The signal then goes to a strip chart recorder.  You know what that is? Picture the device that the old fashioned lie detectors used to use.  You know, the pen would move on the paper and produce a wiggly line?  Same thing. The strip chart recorder draws peaks when the detector "sees" a component. Big peak for high concentrations, small peaks for small concentrations. 
This is the printout of a very simple oil with one major component
.


 
 
Here comes the math, be brave.  Simultaneously when the detector sends its signal to the strip chart recorder, it sends an identical signal to a computer processor.  The computer automatically computes the area under the peak of each component, and compares it to the area of the peak of a standard.  Then, by a simple proportion, it calculates the concentration of the unknown peak to the concentration of a standard compound whose
concentration we do know.  
Let me give you an example.  I take a known amount, say one gram of eucalyptol, the major component of eucalyptus oil, and inject it into my G.C. (gas chromatograph).  I get a peak, and that peak is always the same height as long as I inject one gram of eucalyptol into the G.C.  If I inject 1/2 gram of eucalytol, I get a peak 1/2 the height, and so on.  So I tell the computer that when you see a peak that is exactly the same height as my one gram standard, report that one gram of eucalyptol is in my sample.  Now the peaks are not all on top of each other, because you couldn't tell them apart.  They are separated on the paper just as the components are separated on the column.  The first peak to appear corresponds to the first peak that comes through the column.  
 
Your chromatogram of essential oils may contain hundreds, or even thousands of peaks!  How then, do we identify which peaks correspond to which components?  Well, we have to inject hundreds or thousands of standards of known components into the G.C. We then note the time it takes, from injection, until the compound hits the detector in
minutes.
 
We call this the elution time, or the time it takes for a compound to elute from the column.  Each compound has a unique elution time, and can be identified this way.  Now, let me tell you that it is WAY more complicated than that, and I could go into the various types of columns, injectors,detectors, gases, etc., but that is the gist of it.      
 
 
GC of one of the most complicated oils - Rose Otto. See the multitude of peaks?

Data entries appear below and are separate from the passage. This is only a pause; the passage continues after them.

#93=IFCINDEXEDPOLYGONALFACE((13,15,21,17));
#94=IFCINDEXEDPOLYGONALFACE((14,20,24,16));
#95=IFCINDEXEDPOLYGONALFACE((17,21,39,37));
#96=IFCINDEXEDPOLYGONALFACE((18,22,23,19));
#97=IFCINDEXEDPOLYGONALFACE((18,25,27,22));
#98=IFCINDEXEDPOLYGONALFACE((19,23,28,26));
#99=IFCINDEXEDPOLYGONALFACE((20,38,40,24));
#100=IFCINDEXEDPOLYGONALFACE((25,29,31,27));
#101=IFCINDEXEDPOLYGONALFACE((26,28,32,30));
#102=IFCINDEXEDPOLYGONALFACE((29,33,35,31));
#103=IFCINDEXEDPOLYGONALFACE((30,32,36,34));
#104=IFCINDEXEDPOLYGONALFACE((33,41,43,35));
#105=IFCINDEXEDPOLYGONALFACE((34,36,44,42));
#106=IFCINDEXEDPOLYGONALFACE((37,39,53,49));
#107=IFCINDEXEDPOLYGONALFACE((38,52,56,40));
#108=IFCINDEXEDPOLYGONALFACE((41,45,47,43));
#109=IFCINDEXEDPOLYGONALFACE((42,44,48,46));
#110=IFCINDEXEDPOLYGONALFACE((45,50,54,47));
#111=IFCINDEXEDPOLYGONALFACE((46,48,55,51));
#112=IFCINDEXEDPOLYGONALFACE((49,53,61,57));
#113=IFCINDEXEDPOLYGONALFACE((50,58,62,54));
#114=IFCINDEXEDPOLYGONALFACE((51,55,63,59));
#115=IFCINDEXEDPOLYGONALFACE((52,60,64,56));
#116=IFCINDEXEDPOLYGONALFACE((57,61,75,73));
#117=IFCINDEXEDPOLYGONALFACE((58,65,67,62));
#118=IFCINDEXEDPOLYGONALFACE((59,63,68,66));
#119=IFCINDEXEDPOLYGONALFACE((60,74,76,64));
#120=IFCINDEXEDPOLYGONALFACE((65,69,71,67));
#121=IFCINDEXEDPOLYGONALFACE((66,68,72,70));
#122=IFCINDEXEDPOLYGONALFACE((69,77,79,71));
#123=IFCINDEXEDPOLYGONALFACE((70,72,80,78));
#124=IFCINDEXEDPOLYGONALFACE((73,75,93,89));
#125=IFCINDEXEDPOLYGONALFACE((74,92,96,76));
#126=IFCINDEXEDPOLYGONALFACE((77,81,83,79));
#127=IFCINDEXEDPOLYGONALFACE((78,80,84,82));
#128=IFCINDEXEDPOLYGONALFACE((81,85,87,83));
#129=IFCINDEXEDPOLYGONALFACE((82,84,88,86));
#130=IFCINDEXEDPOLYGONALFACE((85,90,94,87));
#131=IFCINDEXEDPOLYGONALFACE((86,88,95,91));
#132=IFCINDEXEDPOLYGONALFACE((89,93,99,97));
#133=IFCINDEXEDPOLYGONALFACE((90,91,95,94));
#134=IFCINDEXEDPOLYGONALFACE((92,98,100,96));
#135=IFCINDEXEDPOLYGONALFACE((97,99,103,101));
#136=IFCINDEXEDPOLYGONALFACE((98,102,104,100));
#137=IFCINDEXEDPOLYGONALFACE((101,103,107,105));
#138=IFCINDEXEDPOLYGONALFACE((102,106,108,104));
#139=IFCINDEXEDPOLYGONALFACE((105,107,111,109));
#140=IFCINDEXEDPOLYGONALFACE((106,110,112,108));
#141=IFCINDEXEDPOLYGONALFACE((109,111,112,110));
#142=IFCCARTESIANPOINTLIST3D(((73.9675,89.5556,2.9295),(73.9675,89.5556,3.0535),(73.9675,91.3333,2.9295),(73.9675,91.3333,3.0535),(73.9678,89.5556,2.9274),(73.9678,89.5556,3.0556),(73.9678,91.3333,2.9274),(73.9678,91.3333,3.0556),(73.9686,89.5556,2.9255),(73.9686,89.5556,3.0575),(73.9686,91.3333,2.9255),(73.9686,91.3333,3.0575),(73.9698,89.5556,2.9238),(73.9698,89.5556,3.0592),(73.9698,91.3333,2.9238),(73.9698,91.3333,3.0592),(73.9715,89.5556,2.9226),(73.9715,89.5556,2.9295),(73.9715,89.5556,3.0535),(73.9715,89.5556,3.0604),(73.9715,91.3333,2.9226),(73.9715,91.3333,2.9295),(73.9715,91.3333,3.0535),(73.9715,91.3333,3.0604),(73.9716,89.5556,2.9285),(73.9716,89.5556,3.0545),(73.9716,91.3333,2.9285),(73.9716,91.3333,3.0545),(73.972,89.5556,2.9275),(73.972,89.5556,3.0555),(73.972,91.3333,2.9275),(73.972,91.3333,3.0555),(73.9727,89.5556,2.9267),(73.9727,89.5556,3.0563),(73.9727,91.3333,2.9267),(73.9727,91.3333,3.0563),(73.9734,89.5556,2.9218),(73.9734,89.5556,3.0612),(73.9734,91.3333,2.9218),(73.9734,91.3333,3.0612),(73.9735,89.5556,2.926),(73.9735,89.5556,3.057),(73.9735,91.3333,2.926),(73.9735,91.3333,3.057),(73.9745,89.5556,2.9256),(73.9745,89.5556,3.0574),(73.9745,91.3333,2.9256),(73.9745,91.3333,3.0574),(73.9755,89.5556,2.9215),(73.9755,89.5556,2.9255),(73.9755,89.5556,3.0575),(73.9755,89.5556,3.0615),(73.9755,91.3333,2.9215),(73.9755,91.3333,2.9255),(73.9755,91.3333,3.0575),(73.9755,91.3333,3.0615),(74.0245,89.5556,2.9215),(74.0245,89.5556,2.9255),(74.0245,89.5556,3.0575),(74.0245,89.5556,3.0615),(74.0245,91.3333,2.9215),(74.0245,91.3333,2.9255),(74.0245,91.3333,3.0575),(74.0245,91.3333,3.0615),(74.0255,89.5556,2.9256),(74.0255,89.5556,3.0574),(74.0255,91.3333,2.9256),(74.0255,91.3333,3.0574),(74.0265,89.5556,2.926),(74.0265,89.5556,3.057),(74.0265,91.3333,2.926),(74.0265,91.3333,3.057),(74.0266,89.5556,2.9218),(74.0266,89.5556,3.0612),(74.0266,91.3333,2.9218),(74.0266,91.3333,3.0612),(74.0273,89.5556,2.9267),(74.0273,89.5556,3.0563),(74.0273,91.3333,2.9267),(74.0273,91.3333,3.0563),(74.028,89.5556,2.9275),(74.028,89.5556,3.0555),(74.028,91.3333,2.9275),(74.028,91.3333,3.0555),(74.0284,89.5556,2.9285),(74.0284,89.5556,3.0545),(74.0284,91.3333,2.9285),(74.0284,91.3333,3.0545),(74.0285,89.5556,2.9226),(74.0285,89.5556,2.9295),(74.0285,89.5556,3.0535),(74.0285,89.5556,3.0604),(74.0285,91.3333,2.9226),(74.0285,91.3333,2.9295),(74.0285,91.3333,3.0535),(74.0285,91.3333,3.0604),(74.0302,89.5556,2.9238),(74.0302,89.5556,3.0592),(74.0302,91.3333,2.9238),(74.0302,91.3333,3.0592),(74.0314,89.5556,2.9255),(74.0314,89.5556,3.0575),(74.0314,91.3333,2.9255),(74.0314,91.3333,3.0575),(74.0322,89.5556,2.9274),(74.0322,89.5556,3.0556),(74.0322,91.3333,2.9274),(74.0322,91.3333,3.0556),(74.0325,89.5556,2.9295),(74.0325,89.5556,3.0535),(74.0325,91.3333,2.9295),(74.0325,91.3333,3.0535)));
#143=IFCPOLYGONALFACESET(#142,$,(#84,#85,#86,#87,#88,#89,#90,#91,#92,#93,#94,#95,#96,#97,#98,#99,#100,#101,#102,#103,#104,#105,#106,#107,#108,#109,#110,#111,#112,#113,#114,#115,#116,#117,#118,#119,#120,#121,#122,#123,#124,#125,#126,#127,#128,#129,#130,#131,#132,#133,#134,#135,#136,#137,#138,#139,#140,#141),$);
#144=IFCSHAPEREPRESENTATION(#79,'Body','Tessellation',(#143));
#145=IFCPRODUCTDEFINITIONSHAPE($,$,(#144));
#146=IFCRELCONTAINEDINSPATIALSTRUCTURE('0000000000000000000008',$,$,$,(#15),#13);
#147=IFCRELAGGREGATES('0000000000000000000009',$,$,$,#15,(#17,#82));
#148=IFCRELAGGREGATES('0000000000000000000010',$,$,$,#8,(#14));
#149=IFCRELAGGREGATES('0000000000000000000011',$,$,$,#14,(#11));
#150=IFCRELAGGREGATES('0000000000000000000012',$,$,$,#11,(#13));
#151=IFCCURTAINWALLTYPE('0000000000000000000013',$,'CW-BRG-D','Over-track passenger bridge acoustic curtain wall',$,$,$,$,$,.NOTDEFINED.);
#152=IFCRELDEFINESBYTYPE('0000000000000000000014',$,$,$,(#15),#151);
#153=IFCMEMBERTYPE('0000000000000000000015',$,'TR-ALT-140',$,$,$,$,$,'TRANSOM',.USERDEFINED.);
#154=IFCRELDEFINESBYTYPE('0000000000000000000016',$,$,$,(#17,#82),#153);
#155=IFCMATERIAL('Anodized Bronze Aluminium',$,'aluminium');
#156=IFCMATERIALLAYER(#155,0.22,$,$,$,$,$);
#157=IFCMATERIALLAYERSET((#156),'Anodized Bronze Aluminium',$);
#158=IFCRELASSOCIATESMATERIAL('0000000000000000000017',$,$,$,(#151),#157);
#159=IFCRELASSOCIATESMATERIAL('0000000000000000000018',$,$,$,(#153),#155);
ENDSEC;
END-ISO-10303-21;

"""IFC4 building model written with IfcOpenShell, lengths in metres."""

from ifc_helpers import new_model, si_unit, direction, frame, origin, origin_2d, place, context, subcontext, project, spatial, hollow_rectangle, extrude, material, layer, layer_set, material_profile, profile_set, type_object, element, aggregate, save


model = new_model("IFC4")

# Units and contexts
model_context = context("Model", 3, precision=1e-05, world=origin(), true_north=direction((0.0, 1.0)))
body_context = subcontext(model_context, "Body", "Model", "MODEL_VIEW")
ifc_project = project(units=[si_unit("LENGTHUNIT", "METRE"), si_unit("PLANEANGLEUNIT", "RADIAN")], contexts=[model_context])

I had one supplier who would send a gc upon request...  with the major peaks marked by hand.  Their equipment was not hooked up to a machine... he identified the peaks by hand.   Also, the detail (and accuracy) an analyst can give is determined to a great part by the depth/breadth of the "Library" of analyses they have access to.  

I'm hoping this description makes a little bit of sense!  (Yes, it's simplistic. There may be those who will scoff at the analogy of the marching band.  Feel free to scoff.)